Department of Health Sciences & Technology, Gachon Advanced Institute for Health Sciences & Technology (GAIHST), Gachon University, Incheon 21936, Korea.
School of Information, University of California, 102 South Hall 4600, Berkeley, CA 94720, USA.
Sensors (Basel). 2022 Jun 20;22(12):4650. doi: 10.3390/s22124650.
Voice-activated artificial intelligence (AI) technology has advanced rapidly and is being adopted in various devices such as smart speakers and display products, which enable users to multitask without touching the devices. However, most devices equipped with cameras and displays lack mobility; therefore, users cannot avoid touching them for face-to-face interactions, which contradicts the voice-activated AI philosophy. In this paper, we propose a deep neural network-based real-time sound source localization (SSL) model for low-power internet of things (IoT) devices based on microphone arrays and present a prototype implemented on actual IoT devices. The proposed SSL model delivers multi-channel acoustic data to parallel convolutional neural network layers in the form of multiple streams to capture the unique delay patterns for the low-, mid-, and high-frequency ranges, and estimates the fine and coarse location of voices. The model adapted in this study achieved an accuracy of 91.41% on fine location estimation and a direction of arrival error of 7.43° on noisy data. It achieved a processing time of 7.811 ms per 40 ms samples on the Raspberry Pi 4B. The proposed model can be applied to a camera-based humanoid robot that mimics the manner in which humans react to trigger voices in crowded environments.

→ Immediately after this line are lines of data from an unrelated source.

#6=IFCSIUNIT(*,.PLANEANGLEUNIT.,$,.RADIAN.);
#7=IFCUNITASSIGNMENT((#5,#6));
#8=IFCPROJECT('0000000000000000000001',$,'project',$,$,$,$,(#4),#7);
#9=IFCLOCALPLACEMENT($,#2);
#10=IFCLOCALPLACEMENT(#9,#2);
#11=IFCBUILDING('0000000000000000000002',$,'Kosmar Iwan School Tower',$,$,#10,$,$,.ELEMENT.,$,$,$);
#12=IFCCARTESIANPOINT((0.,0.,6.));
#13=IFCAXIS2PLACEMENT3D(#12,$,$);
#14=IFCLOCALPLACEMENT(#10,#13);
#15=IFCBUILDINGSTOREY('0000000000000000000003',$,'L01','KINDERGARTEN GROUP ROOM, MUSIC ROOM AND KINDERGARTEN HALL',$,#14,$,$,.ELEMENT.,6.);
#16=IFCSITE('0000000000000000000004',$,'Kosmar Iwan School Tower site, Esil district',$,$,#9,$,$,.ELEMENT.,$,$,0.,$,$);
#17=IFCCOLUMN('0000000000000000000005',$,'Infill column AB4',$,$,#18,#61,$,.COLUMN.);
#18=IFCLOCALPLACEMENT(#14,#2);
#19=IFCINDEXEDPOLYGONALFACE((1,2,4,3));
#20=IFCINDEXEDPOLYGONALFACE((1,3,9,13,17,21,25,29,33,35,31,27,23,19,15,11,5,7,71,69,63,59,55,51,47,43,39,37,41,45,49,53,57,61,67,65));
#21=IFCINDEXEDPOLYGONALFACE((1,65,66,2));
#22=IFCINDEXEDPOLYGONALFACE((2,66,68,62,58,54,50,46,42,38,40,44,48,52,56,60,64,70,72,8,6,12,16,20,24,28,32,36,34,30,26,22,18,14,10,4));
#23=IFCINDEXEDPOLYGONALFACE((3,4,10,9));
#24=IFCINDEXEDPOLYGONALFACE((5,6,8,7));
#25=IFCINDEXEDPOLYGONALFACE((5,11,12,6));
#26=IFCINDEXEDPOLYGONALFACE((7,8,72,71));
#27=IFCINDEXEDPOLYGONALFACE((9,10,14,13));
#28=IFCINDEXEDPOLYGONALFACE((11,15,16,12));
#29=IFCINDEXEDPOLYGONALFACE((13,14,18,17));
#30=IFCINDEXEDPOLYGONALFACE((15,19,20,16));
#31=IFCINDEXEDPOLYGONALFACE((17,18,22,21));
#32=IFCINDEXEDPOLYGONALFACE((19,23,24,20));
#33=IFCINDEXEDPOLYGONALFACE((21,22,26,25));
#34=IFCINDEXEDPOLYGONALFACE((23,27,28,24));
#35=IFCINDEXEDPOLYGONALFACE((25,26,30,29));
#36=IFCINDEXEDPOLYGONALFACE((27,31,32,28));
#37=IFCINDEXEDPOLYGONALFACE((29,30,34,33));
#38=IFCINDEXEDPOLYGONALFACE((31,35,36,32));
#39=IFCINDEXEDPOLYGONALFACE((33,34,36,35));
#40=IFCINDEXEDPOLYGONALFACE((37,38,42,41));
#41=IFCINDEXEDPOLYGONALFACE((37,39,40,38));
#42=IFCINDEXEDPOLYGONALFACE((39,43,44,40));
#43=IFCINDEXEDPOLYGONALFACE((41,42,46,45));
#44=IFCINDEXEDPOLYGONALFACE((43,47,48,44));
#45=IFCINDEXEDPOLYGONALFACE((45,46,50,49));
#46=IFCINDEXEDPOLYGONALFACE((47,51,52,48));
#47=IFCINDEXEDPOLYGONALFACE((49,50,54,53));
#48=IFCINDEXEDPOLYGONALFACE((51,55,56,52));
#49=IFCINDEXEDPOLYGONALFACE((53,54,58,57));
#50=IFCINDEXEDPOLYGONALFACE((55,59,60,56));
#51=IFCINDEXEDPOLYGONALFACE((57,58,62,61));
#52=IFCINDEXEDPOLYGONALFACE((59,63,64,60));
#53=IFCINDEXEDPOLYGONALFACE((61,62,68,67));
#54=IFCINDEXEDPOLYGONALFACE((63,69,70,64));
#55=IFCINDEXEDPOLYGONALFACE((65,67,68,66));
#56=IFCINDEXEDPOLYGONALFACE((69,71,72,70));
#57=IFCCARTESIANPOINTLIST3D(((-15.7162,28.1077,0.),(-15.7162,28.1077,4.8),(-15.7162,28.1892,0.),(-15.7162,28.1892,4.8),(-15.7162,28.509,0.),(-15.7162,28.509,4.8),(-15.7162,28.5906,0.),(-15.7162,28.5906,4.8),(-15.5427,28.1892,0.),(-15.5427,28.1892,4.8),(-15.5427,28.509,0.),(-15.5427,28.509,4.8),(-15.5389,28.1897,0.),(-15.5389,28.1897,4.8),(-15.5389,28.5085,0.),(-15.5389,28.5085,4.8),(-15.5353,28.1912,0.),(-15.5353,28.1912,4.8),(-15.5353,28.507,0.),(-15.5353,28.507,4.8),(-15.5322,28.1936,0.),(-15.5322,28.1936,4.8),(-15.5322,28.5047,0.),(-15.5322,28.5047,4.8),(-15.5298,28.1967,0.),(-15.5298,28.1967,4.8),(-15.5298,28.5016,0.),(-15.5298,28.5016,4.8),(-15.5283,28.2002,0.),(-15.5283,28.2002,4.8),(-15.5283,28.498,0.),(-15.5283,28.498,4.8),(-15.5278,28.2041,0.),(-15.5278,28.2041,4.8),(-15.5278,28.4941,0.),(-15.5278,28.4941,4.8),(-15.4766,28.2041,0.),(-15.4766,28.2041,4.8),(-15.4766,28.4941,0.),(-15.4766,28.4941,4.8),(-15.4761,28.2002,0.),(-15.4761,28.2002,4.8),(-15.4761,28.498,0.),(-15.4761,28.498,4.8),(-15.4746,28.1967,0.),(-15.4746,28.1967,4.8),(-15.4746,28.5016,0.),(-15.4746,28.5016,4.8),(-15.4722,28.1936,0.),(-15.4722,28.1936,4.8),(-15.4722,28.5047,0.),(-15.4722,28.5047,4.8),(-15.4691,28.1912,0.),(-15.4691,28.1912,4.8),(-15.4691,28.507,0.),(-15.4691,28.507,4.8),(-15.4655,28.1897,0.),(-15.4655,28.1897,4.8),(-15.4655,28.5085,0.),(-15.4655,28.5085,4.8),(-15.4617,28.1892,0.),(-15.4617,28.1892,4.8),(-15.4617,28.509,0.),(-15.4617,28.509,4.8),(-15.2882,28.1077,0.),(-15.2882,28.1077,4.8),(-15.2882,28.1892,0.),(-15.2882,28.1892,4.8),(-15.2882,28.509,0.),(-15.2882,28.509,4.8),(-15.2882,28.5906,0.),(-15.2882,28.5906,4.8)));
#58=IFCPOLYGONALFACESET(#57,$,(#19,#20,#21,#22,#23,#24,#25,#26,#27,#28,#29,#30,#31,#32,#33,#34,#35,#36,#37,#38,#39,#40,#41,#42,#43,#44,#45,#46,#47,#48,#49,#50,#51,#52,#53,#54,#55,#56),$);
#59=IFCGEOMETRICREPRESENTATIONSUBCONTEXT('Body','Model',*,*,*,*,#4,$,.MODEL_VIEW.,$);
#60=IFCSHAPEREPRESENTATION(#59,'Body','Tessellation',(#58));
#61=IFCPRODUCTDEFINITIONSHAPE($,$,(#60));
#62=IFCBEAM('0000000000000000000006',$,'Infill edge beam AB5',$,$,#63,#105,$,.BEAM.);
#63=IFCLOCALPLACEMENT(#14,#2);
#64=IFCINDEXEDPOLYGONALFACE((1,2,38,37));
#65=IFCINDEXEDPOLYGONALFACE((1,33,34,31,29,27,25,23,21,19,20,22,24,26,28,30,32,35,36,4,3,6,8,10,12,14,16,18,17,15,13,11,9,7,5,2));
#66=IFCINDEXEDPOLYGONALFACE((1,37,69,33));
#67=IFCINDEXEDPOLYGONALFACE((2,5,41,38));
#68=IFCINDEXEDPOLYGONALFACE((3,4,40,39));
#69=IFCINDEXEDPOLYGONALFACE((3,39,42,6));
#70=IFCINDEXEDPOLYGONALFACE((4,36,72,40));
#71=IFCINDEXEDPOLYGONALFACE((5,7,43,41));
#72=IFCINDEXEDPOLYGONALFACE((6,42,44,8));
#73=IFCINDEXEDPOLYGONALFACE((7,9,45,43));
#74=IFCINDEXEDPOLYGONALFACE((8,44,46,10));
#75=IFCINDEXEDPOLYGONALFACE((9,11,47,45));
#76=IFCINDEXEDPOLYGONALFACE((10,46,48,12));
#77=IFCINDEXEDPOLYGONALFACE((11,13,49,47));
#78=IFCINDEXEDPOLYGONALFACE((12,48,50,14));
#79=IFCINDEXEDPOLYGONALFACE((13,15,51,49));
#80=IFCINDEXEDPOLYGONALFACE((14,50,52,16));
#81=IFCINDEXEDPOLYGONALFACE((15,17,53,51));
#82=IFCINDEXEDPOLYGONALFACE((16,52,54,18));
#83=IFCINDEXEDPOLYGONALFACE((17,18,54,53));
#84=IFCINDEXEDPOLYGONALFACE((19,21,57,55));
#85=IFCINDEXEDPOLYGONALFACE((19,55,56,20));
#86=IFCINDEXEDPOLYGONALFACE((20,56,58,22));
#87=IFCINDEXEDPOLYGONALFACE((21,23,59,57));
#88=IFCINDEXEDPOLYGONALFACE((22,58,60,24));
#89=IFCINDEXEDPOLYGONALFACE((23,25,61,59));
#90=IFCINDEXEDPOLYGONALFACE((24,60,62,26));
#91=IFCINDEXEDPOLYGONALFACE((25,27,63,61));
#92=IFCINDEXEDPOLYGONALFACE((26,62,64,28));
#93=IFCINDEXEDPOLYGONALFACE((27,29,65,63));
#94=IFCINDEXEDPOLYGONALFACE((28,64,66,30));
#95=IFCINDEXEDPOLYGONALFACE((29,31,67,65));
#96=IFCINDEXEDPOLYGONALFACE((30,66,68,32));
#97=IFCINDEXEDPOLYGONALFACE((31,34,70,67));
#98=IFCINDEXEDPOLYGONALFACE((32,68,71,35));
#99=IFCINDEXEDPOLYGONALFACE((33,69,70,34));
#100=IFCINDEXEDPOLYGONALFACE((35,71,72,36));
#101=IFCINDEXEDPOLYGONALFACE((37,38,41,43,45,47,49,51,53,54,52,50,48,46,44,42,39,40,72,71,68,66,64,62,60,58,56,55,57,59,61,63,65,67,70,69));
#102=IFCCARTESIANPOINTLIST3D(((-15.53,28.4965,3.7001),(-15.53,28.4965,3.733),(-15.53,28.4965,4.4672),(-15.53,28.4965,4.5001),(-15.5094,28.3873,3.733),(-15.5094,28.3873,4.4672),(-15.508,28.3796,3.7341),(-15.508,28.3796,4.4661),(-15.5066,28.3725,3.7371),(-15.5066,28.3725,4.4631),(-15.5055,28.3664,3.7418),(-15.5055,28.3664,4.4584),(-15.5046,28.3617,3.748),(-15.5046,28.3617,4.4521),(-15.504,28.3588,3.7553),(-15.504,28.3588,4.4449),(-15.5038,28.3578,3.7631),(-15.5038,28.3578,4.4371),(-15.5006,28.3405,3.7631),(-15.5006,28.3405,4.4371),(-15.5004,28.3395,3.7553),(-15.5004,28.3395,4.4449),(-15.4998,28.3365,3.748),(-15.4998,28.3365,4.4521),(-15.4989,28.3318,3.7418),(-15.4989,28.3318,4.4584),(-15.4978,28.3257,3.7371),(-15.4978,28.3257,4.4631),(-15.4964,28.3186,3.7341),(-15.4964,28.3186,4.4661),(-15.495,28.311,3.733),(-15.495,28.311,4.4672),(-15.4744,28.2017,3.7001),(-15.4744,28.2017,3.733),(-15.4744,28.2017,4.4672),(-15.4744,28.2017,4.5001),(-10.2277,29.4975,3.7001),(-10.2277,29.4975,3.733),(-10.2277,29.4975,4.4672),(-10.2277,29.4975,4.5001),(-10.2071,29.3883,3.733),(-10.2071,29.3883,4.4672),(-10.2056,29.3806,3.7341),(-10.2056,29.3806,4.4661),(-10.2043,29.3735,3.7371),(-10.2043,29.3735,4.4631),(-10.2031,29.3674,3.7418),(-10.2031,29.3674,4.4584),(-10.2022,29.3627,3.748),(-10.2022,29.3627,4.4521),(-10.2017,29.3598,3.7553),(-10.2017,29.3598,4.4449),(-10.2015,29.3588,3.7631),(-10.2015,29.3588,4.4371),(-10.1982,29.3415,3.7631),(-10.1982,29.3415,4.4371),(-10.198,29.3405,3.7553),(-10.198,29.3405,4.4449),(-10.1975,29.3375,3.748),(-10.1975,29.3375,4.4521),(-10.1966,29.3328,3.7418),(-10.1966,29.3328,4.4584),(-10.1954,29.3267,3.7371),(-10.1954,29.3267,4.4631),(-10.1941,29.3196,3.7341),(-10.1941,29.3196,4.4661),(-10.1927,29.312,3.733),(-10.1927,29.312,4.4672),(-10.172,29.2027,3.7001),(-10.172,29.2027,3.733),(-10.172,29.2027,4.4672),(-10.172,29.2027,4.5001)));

语音激活人工智能(AI)技术发展迅速,正在各种设备中得到应用,如智能音箱和显示产品,使用户能够在不触摸设备的情况下同时处理多项任务。然而,大多数配备摄像头和显示器的设备缺乏移动性;因此,用户无法避免进行面对面的互动,这与语音激活 AI 理念背道而驰。在本文中,我们提出了一种基于深度神经网络的实时声源定位(SSL)模型,用于基于麦克风阵列的低功耗物联网(IoT)设备,并展示了在实际 IoT 设备上实现的原型。所提出的 SSL 模型将多通道声数据以多个流的形式发送到并行卷积神经网络层,以捕获低频、中频和高频范围的独特延迟模式,并估计声音的精细和粗略位置。本研究中采用的模型在精细位置估计方面达到了 91.41%的准确率,在嘈杂数据方面的到达方向误差为 7.43°。它在 Raspberry Pi 4B 上实现了每 40ms 样本处理时间为 7.811ms 的处理速度。所提出的模型可应用于基于摄像头的人形机器人,模仿人类在嘈杂环境中对触发声音的反应方式。